The spectre raised a cry, and shook its chain, and wrung its shadowy hands.

“You are fettered,” said Barack, trembling. “Tell me why?”

“I wear the chained CPI I forged in life,” replied the Ghost. “I made it link by link, and yard by yard; I girded it on of my own free will, and of my own free will I wore it. Is its pattern strange to you?”

Barack trembled more and more.

“Or would you know,” pursued the Ghost, “the weight and length of the strong coil you bear yourself? Would you know of the mass rejoicing that will greet your funeral as it greeted mine?”

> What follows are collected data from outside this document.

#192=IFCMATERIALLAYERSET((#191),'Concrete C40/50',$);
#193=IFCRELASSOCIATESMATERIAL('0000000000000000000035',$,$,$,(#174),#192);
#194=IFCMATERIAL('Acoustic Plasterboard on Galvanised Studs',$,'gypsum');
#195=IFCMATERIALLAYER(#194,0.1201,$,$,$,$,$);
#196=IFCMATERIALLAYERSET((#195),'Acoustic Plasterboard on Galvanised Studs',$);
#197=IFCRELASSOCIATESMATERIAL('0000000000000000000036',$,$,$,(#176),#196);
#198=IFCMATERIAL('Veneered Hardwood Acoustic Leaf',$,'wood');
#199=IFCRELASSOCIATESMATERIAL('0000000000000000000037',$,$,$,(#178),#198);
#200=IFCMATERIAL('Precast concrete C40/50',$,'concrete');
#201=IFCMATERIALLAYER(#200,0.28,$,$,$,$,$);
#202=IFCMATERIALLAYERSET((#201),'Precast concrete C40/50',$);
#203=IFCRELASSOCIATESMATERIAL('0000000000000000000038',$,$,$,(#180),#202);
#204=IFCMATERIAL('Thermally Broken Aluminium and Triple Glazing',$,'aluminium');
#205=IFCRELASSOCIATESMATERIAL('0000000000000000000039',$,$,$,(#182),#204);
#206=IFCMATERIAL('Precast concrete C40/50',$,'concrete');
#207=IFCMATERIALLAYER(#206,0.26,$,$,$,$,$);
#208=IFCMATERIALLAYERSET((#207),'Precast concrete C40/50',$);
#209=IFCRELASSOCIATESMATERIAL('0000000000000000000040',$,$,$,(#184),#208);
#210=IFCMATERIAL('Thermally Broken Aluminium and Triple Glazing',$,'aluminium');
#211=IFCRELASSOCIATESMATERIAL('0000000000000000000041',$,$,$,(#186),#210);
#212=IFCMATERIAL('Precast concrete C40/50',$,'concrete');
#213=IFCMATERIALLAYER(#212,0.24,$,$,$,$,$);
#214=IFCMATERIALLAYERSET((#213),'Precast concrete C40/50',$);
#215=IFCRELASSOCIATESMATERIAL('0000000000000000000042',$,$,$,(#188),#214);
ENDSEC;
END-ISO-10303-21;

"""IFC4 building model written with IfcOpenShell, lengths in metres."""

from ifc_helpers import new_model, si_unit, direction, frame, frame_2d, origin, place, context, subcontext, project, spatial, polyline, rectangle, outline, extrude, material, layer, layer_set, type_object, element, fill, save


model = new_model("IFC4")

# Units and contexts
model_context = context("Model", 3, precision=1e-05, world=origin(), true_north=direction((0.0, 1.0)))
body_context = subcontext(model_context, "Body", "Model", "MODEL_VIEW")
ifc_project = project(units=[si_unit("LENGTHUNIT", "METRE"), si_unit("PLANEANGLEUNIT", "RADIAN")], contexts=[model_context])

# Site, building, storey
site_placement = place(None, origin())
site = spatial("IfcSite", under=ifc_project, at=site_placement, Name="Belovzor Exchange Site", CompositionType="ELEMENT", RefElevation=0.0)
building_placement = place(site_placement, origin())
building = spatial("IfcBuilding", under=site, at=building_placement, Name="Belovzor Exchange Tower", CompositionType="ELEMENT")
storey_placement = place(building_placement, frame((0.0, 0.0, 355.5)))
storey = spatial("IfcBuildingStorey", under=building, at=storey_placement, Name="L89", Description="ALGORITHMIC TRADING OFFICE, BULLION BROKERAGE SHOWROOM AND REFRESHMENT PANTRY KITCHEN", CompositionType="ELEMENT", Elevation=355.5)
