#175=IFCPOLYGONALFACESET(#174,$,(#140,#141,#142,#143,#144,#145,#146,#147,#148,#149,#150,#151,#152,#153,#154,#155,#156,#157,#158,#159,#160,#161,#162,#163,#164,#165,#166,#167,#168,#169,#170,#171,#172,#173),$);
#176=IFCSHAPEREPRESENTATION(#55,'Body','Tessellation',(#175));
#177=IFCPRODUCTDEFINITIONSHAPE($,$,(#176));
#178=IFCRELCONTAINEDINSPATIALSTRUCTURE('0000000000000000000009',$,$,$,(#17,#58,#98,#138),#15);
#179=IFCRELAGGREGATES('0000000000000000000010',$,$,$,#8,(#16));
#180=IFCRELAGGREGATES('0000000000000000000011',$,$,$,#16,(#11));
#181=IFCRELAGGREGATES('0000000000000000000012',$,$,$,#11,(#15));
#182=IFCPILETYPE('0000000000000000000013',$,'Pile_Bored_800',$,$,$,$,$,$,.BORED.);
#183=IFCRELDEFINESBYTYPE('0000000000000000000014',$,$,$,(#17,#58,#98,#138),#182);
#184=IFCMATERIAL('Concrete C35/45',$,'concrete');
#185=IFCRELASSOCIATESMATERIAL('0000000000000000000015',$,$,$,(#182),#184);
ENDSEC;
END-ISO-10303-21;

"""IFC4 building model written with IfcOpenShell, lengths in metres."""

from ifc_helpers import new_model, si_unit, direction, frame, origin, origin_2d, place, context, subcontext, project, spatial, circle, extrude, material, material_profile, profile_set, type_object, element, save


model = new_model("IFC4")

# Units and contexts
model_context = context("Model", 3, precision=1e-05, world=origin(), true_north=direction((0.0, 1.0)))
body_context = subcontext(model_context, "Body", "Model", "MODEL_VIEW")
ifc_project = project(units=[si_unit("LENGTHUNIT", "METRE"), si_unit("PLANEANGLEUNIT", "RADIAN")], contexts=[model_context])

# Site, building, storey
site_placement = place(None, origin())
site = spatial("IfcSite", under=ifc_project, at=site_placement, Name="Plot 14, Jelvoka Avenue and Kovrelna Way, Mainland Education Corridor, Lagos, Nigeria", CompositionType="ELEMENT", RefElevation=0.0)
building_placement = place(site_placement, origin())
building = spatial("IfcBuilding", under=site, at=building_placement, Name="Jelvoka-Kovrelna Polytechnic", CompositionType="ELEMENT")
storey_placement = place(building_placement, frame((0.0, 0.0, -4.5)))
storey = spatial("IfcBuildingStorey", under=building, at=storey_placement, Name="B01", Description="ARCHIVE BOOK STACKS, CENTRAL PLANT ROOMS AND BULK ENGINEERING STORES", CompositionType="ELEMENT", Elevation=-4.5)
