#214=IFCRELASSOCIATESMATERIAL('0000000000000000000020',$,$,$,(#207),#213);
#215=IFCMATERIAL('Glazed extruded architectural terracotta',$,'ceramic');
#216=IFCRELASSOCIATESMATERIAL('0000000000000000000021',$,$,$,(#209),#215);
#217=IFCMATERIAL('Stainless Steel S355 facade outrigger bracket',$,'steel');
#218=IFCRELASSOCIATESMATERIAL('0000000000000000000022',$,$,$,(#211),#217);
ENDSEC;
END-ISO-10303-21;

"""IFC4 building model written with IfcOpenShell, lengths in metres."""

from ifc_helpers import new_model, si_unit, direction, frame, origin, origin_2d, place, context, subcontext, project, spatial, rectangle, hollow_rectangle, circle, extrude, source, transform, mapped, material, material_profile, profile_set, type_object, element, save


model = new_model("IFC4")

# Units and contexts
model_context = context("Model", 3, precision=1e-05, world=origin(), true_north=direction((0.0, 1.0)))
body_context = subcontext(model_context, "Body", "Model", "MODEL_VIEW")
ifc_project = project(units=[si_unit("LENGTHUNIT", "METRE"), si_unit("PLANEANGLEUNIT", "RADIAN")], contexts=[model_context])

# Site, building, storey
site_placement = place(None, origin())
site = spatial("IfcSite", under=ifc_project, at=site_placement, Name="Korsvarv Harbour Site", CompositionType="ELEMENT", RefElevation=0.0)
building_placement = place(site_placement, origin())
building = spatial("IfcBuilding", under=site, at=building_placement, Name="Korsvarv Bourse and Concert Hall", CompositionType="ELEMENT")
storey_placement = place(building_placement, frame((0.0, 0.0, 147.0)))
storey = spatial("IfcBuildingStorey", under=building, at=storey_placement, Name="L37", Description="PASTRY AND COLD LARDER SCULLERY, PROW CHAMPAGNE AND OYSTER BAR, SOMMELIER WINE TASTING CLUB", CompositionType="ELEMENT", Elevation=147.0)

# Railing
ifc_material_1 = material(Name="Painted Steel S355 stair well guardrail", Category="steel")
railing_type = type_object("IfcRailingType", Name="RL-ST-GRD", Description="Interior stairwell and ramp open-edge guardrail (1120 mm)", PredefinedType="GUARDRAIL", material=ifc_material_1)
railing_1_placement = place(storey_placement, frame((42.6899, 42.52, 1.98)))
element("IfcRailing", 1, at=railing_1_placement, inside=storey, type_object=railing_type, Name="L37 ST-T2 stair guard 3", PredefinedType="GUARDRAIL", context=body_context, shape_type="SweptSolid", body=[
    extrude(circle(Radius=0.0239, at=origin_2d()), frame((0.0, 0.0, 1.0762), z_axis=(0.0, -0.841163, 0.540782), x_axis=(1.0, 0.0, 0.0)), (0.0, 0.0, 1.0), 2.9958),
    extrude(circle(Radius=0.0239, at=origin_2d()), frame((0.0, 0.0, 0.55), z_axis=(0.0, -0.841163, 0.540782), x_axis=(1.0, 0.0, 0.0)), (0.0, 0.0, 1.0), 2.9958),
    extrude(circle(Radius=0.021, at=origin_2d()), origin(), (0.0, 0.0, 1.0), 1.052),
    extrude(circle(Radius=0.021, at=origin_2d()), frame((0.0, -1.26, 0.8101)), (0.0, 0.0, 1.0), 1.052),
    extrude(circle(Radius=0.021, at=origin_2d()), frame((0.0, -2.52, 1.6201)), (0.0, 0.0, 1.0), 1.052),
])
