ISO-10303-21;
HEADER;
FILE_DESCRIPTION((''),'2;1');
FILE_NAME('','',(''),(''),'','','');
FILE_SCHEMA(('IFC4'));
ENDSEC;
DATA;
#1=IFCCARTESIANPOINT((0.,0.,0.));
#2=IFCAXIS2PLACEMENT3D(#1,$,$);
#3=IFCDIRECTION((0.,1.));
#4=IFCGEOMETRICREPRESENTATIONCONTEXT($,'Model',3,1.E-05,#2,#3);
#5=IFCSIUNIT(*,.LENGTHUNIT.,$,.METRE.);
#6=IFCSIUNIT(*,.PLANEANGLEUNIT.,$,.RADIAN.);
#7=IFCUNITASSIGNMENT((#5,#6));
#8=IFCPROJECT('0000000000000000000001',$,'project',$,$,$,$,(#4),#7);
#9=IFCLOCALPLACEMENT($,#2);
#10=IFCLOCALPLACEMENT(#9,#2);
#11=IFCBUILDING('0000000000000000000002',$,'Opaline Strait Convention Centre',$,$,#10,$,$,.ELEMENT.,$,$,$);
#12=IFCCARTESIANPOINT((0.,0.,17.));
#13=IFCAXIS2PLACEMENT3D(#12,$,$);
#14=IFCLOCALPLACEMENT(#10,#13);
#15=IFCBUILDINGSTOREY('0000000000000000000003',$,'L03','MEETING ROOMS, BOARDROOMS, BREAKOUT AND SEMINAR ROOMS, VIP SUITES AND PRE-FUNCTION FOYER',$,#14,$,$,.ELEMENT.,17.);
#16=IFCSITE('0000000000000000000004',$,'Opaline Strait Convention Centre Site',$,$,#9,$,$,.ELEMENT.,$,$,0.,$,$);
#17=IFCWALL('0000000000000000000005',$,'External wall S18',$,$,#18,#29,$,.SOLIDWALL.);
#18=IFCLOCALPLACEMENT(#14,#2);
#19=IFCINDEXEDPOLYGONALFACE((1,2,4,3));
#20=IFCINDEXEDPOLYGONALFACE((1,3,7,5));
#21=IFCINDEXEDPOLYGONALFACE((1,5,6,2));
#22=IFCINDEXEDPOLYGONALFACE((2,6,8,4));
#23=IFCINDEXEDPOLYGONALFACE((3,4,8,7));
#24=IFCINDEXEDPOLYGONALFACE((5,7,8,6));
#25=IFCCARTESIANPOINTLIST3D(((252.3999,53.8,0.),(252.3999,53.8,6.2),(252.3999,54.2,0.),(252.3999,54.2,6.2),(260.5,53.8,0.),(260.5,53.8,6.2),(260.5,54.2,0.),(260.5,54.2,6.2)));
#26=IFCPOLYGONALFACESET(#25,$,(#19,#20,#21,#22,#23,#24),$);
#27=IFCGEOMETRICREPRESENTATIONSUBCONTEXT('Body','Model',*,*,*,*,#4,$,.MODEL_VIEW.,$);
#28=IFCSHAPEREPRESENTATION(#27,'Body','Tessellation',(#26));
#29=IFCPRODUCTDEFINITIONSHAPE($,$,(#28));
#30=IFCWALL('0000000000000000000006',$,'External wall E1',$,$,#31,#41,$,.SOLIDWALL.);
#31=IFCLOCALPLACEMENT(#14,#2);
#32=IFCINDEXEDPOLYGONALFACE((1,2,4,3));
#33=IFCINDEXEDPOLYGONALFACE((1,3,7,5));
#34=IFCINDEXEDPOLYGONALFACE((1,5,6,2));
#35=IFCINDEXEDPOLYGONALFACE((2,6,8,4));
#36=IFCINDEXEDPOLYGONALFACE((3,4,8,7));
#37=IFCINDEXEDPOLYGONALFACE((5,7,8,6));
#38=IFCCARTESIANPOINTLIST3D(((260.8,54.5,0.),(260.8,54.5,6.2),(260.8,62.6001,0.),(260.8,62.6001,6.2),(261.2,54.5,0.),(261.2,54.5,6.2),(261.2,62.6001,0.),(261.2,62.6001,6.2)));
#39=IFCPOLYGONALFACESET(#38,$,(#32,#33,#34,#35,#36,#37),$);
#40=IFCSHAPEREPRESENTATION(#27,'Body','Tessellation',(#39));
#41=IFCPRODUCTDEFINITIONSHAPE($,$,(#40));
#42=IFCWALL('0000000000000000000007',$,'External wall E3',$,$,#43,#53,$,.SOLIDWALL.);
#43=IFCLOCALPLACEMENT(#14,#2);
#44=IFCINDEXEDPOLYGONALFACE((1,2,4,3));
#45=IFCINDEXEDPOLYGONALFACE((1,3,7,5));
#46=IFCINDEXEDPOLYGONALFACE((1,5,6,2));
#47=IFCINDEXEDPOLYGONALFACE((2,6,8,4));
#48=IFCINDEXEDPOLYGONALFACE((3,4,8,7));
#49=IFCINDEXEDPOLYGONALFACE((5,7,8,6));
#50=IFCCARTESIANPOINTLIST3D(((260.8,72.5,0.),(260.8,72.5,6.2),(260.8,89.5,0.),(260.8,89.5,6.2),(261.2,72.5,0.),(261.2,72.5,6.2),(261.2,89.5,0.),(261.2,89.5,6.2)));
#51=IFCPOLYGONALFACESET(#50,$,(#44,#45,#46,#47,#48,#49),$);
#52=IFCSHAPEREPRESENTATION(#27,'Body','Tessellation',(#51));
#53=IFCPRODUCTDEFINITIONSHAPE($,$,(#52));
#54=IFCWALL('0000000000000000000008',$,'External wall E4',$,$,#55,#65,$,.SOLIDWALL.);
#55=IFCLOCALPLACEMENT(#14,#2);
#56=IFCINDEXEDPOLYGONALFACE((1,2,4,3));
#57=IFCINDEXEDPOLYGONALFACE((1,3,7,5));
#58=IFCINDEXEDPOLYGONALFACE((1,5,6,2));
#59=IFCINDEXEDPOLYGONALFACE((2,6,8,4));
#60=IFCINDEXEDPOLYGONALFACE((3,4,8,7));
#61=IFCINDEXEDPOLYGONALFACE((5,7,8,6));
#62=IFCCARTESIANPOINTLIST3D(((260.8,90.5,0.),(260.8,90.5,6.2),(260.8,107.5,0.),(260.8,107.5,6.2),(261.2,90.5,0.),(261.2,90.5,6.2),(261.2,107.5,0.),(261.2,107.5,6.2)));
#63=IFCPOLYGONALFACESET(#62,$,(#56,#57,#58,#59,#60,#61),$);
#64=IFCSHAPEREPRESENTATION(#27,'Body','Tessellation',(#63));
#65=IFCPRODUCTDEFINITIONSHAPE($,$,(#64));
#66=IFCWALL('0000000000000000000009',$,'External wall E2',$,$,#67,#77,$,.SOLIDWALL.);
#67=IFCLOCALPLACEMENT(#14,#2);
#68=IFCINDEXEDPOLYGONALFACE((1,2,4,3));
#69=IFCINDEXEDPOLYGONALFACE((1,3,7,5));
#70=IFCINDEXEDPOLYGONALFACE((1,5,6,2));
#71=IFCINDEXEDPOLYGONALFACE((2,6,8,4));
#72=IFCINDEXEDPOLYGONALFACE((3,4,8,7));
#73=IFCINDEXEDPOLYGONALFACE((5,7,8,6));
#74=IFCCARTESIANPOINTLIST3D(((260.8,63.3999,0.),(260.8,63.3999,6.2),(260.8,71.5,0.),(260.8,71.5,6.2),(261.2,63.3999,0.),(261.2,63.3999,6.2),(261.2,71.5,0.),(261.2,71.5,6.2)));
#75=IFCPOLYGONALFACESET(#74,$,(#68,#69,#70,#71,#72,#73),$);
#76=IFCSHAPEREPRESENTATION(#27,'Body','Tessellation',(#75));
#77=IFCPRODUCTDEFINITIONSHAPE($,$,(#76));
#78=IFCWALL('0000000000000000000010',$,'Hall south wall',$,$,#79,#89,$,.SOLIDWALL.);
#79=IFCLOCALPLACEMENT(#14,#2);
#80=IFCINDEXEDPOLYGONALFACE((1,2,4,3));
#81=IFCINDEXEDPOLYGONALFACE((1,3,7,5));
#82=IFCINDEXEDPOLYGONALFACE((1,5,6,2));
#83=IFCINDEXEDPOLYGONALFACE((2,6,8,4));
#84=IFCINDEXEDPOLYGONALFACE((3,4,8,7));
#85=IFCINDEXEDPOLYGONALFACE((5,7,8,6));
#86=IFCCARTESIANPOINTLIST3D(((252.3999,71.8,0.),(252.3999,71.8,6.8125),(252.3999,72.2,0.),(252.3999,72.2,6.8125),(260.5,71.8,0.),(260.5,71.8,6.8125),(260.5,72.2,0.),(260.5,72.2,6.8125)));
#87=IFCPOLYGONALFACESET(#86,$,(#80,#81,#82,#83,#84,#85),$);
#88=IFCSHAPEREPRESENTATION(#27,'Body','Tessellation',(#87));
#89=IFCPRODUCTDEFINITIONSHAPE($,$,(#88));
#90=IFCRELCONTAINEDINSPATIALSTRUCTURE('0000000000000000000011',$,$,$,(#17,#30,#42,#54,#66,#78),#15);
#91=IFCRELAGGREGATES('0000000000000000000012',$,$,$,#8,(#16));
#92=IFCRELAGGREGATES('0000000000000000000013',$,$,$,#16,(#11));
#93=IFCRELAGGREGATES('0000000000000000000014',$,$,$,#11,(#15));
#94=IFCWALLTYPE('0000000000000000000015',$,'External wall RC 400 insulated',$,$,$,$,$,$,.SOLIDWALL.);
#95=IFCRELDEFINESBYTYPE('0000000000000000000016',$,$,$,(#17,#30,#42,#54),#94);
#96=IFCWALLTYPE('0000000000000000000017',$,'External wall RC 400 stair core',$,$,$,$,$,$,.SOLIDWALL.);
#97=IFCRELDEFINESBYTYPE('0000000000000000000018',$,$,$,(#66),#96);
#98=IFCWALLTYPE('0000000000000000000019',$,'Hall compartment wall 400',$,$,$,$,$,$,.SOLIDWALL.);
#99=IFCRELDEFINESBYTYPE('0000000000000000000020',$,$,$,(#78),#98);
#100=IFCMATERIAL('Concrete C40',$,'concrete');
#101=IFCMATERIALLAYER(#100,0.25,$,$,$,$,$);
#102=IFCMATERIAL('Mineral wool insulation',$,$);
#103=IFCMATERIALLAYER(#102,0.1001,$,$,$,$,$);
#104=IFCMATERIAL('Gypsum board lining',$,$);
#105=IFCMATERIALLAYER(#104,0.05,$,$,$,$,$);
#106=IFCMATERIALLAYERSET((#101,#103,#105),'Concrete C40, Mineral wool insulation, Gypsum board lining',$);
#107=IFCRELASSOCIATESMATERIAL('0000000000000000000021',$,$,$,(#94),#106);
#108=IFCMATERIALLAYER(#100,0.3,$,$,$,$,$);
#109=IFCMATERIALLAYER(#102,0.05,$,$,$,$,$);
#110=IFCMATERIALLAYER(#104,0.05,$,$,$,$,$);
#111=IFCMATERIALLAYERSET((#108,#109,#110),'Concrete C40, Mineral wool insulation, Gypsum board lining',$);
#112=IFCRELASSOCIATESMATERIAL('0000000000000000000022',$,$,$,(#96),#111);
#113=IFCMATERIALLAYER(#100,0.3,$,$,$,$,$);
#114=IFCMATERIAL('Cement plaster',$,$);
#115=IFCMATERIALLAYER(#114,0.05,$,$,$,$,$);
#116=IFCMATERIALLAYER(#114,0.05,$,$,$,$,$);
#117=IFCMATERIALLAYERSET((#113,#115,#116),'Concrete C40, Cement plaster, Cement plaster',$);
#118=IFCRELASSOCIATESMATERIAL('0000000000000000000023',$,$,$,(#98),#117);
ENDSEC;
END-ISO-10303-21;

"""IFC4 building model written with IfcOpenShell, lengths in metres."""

from ifc_helpers import new_model, si_unit, direction, frame, frame_2d, origin, place, context, subcontext, project, spatial, rectangle, extrude, material, layer, layer_set, type_object, element, save


model = new_model("IFC4")

# Units and contexts
model_context = context("Model", 3, precision=1e-05, world=origin(), true_north=direction((0.0, 1.0)))
body_context = subcontext(model_context, "Body", "Model", "MODEL_VIEW")
ifc_project = project(units=[si_unit("LENGTHUNIT", "METRE"), si_unit("PLANEANGLEUNIT", "RADIAN")], contexts=[model_context])

# Site, building, storey
site_placement = place(None, origin())
site = spatial("IfcSite", under=ifc_project, at=site_placement, Name="Opaline Strait Convention Centre Site", CompositionType="ELEMENT", RefElevation=0.0)
building_placement = place(site_placement, origin())
building = spatial("IfcBuilding", under=site, at=building_placement, Name="Opaline Strait Convention Centre", CompositionType="ELEMENT")
storey_placement = place(building_placement, frame((0.0, 0.0, 17.0)))
storey = spatial("IfcBuildingStorey", under=building, at=storey_placement, Name="L03", Description="MEETING ROOMS, BOARDROOMS, BREAKOUT AND SEMINAR ROOMS, VIP SUITES AND PRE-FUNCTION FOYER", CompositionType="ELEMENT", Elevation=17.0)

# Shared definitions
ifc_material_1 = material(Name="Mineral wool insulation")

# Walls
ifc_material_2 = material(Name="Concrete C40", Category="concrete")
ifc_layer_1 = layer(ifc_material_2, 0.25)
ifc_layer_2 = layer(ifc_material_1, 0.1001)
ifc_material_3 = material(Name="Gypsum board lining")
ifc_layer_3 = layer(ifc_material_3, 0.05)
ifc_layer_set_1 = layer_set([ifc_layer_1, ifc_layer_2, ifc_layer_3], Name="Concrete C40, Mineral wool insulation, Gypsum board lining")
wall_type_1 = type_object("IfcWallType", Name="External wall RC 400 insulated", PredefinedType="SOLIDWALL", material=ifc_layer_set_1)
for number, where, z_axis, x_axis, name in (
    (1, (252.3999, 54.0, 0.0), (0.0, 0.0, 1.0), (1.0, 0.0, 0.0), "External wall S18"),
    (2, (261.0, 54.5, 0.0), (0.0, 0.0, 1.0), (0.0, 1.0, 0.0), "External wall E1"),
):
    element("IfcWall", number, at=place(storey_placement, frame(where, z_axis=z_axis, x_axis=x_axis)), inside=storey, type_object=wall_type_1, Name=name, PredefinedType="SOLIDWALL", context=body_context, shape_type="SweptSolid", body=[
        extrude(rectangle(XDim=8.1001, YDim=0.3999, at=frame_2d((4.05, 0.0))), origin(), (0.0, 0.0, 1.0), 6.2),
    ])
for number, where, z_axis, x_axis, name in (
    (3, (261.0, 72.5, 0.0), (0.0, 0.0, 1.0), (0.0, 1.0, 0.0), "External wall E3"),
    (4, (261.0, 90.5, 0.0), (0.0, 0.0, 1.0), (0.0, 1.0, 0.0), "External wall E4"),
):
    element("IfcWall", number, at=place(storey_placement, frame(where, z_axis=z_axis, x_axis=x_axis)), inside=storey, type_object=wall_type_1, Name=name, PredefinedType="SOLIDWALL", context=body_context, shape_type="SweptSolid", body=[
        extrude(rectangle(XDim=17.0, YDim=0.3999, at=frame_2d((8.5, 0.0))), origin(), (0.0, 0.0, 1.0), 6.2),
    ])
ifc_layer_4 = layer(ifc_material_2, 0.3)
ifc_layer_5 = layer(ifc_material_1, 0.05)
ifc_layer_6 = layer(ifc_material_3, 0.05)
ifc_layer_set_2 = layer_set([ifc_layer_4, ifc_layer_5, ifc_layer_6], Name="Concrete C40, Mineral wool insulation, Gypsum board lining")
wall_type_2 = type_object("IfcWallType", Name="External wall RC 400 stair core", PredefinedType="SOLIDWALL", material=ifc_layer_set_2)
wall_1_placement = place(storey_placement, frame((261.0, 63.3999, 0.0), z_axis=(0.0, 0.0, 1.0), x_axis=(0.0, 1.0, 0.0)))
element("IfcWall", 5, at=wall_1_placement, inside=storey, type_object=wall_type_2, Name="External wall E2", PredefinedType="SOLIDWALL", context=body_context, shape_type="SweptSolid", body=[
    extrude(rectangle(XDim=8.1001, YDim=0.3999, at=frame_2d((4.05, 0.0))), origin(), (0.0, 0.0, 1.0), 6.2),
])
ifc_layer_7 = layer(ifc_material_2, 0.3)
ifc_material_4 = material(Name="Cement plaster")
ifc_layer_8 = layer(ifc_material_4, 0.05)
ifc_layer_9 = layer(ifc_material_4, 0.05)
ifc_layer_set_3 = layer_set([ifc_layer_7, ifc_layer_8, ifc_layer_9], Name="Concrete C40, Cement plaster, Cement plaster")
wall_type_3 = type_object("IfcWallType", Name="Hall compartment wall 400", PredefinedType="SOLIDWALL", material=ifc_layer_set_3)
wall_2_placement = place(storey_placement, frame((252.3999, 72.0, 0.0), z_axis=(0.0, 0.0, 1.0), x_axis=(1.0, 0.0, 0.0)))
element("IfcWall", 6, at=wall_2_placement, inside=storey, type_object=wall_type_3, Name="Hall south wall", PredefinedType="SOLIDWALL", context=body_context, shape_type="SweptSolid", body=[
    extrude(rectangle(XDim=8.1001, YDim=0.3999, at=frame_2d((4.05, 0.0))), origin(), (0.0, 0.0, 1.0), 6.8125),
])

save(model, "model.ifc")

“But you were always a good woman of business, Maggie,” faultered Barack, who now began to apply this to himself.

“Business!” cried the Ghost, wringing its hands again. “Mankind was my business. The common welfare was my business; charity, mercy, forbearance, and benevolence, and SOCIETY were, all, my business. The dealings of my trade were but a drop of water in the comprehensive ocean of my business!”

It held up its chained CPI at arm’s length, as if that were the cause of all its unavailing grief, and flung it heavily upon the ground again.